1 is an exploded perspective view showing a liquid crystal display device which is an embodiment of an electro-optical device according to the invention. FIG. It is sectional drawing which shows the cross-section of the principal part in the state which assembled the liquid crystal display device of FIG. It is sectional drawing which expands and shows the part shown by the arrow B of FIG. It is a top view which shows the principal part of one Embodiment of the wiring board which concerns on this invention. It is sectional drawing according to the EE line of FIG. It is a top view which shows the principal part of other embodiment of the wiring board which concerns on this invention. It is a block diagram which shows one Embodiment of the electronic device which concerns on this invention. It is a perspective view which shows other embodiment of the electronic device which concerns on this invention. It is a top view which shows the principal part of an example of the conventional wiring board.

Explanation of symbols

1. 1. liquid crystal display device (electro-optical device), LCD panel (electro-optical panel),
3. Driving IC, 4. 4. lighting device; FPC (wiring board), 5a. Circuit forming section, 5b. Input terminal, 5c. Bent part, 5d. 5. Output terminal LED,
7). Light guide, 7a. 7. light incident surface, 7b, light emitting surface, A reflective layer, 9. Diffusion layer,
11. First substrate, 12. A second substrate, 16a, 16b. Translucent substrate,
26a, 26b. Retardation plate 27a, 27b. Polarizing plate, 29. Overhang,
32. Circuit components, 33. IC for power supply (semiconductor element),
36, 37, 46, 47. Wiring, 36a, 37a, 46a, 47a.
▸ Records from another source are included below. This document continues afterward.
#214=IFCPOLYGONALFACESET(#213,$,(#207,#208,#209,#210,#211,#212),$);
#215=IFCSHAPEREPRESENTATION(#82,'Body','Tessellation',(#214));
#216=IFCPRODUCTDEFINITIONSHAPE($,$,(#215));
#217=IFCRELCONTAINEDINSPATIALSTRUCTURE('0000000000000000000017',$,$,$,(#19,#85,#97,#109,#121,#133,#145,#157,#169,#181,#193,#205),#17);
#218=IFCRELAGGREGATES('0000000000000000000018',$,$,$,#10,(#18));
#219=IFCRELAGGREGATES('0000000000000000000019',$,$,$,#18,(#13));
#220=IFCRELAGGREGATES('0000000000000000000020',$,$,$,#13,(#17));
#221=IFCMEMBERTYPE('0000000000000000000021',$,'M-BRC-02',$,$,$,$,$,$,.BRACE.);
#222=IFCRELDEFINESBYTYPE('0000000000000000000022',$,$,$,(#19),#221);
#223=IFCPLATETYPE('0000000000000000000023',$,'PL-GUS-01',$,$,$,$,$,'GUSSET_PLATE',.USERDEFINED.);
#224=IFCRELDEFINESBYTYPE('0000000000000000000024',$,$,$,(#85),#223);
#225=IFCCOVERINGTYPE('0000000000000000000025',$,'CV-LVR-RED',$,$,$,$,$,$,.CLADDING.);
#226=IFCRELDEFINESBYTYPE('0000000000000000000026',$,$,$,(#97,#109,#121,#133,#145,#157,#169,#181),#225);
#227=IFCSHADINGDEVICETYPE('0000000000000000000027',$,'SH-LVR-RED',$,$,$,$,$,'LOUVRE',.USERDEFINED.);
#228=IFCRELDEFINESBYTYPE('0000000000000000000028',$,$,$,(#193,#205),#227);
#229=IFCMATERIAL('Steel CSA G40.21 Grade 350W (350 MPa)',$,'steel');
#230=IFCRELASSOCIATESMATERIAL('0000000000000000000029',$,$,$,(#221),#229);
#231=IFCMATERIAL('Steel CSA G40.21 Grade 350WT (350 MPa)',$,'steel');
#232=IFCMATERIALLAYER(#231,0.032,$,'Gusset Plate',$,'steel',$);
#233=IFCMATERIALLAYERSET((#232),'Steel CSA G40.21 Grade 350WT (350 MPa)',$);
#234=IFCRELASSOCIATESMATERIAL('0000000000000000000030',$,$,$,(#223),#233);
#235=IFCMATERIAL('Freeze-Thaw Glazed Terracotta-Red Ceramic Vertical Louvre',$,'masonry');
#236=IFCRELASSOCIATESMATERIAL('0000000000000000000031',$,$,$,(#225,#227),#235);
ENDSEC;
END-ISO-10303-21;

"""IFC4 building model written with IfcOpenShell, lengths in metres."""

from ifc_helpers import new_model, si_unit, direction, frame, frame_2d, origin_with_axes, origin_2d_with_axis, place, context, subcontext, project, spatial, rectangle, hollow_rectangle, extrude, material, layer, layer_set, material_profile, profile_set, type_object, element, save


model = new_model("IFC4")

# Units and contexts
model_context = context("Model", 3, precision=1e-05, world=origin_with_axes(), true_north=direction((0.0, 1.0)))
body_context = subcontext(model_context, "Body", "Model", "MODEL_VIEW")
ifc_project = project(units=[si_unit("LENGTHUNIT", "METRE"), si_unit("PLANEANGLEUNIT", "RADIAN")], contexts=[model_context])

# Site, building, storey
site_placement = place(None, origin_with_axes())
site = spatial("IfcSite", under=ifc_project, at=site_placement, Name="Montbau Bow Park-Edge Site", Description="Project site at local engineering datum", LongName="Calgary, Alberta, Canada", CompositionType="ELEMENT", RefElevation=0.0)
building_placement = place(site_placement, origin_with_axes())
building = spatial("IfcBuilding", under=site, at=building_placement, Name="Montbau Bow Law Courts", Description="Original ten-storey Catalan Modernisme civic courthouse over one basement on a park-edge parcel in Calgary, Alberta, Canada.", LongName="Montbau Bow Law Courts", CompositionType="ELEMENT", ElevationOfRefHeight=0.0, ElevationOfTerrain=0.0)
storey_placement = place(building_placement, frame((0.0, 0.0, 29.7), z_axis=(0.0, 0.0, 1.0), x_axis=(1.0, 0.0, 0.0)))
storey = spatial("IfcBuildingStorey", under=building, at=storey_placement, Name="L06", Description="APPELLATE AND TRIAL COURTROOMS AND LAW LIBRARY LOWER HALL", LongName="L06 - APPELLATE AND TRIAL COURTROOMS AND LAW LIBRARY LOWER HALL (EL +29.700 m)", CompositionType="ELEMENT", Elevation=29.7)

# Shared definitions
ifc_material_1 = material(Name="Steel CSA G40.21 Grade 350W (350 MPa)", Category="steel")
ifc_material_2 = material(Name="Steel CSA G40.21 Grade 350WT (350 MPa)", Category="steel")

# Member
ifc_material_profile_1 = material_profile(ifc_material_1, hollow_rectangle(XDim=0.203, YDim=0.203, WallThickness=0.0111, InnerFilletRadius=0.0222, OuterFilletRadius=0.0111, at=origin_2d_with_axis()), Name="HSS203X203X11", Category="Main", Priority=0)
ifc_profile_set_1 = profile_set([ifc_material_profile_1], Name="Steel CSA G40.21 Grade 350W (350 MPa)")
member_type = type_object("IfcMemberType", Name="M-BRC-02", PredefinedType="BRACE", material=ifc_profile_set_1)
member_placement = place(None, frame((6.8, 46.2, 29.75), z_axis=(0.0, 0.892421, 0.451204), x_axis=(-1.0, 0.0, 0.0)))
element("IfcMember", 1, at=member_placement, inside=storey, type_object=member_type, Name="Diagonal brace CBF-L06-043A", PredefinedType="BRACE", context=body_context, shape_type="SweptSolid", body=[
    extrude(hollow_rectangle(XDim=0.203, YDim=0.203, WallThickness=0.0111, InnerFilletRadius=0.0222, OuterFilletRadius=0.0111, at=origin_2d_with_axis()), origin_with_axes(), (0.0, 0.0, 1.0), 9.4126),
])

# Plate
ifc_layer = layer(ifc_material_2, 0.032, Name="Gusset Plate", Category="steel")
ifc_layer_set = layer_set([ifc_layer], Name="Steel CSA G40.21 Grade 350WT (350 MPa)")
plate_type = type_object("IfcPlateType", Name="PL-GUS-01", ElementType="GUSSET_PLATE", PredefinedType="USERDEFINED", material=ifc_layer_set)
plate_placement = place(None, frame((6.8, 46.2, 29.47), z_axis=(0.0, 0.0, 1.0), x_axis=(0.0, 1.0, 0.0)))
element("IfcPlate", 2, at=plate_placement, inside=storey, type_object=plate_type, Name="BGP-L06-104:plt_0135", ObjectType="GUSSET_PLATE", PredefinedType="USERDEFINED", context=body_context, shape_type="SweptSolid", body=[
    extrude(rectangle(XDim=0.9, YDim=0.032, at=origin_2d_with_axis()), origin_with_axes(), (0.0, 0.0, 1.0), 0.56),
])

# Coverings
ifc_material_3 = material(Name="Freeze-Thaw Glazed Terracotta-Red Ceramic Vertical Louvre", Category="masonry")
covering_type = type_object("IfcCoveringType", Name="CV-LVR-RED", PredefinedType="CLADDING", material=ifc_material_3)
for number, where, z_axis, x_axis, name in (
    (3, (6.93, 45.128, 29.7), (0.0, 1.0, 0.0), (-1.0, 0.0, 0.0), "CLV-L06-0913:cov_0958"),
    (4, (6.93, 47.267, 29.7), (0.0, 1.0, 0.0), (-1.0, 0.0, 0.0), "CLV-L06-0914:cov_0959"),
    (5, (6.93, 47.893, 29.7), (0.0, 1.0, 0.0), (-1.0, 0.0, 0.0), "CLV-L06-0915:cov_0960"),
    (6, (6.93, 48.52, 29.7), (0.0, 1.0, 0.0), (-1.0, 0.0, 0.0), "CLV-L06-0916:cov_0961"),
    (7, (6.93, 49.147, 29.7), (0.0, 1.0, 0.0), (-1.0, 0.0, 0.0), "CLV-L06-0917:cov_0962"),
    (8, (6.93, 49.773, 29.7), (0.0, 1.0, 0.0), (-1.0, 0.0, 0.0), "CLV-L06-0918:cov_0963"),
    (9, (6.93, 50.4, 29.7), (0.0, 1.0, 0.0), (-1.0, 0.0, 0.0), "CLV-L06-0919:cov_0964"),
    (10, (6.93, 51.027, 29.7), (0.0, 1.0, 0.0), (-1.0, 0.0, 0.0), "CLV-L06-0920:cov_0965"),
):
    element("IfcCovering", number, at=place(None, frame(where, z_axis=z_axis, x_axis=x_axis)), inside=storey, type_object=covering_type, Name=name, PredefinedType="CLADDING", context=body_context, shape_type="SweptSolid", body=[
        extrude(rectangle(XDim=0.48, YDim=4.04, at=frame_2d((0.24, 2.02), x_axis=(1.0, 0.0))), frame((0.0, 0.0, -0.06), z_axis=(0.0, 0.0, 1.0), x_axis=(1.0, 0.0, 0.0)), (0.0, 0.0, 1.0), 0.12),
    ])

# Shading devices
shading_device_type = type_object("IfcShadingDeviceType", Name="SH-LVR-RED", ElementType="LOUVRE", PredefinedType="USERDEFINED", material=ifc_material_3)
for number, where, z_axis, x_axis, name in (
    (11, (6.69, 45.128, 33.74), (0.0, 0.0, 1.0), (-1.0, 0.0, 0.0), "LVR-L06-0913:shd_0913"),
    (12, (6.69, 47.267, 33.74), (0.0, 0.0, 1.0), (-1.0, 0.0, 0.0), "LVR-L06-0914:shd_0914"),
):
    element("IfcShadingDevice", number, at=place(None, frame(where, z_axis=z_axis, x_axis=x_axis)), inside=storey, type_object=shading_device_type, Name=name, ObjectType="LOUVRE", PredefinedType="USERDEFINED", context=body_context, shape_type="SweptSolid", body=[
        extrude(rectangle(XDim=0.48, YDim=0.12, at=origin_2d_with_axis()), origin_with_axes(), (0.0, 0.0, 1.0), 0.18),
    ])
Land part,
58. Terminal for external connection, 59. ACF, 80. Mobile phones (electronic devices),
83. Liquid crystal display, S1, S2. Surface, X. Mounting area of power IC

Claims (9)

An electro-optic panel containing an electro-optic material;
A substrate connected to the electro-optic panel;
A semiconductor element mounted on the substrate;
Terminals provided on the semiconductor element;
A land portion to which the terminal is connected and wiring provided on the substrate;
An electro-optical device, wherein a width of the land portion is wider than a width of the terminal of the semiconductor element.   2. The electro-optical device according to claim 1, wherein the width of the land is approximately twice the width of the terminal. An electro-optic panel containing an electro-optic material;
A substrate connected to the electro-optic panel;
A semiconductor element mounted on the substrate;
Terminals provided on the semiconductor element;
A land portion to which the terminal is connected and wiring provided on the substrate;
2. The electro-optical device according to claim 1, wherein at least two land portions are provided for the terminals of the semiconductor element.   4. The electro-optical device according to claim 3, wherein an interval between adjacent wirings among the at least two wirings in the land portion is narrower than a width of the terminal.   5. The electro-optical device according to claim 1, wherein the semiconductor element is a power supply IC for supplying power to the electro-optical panel.   6. The electro-optical device according to claim 1, wherein the wiring board is a flexible wiring board. A substrate,
A semiconductor element mounted on the substrate;
Terminals provided on the semiconductor element;
A land portion to which the terminal is connected and wiring provided on the substrate;
The wiring board, wherein a width of the land portion is wider than a width of the terminal of the semiconductor element. A substrate,
A semiconductor element mounted on the substrate;
Terminals provided on the semiconductor element;
A land portion to which the terminal is connected and wiring provided on the substrate;
The wiring board according to claim 1, wherein at least two land portions are provided for the terminals of the semiconductor element. An electronic apparatus comprising the electro-optical device according to claim 1.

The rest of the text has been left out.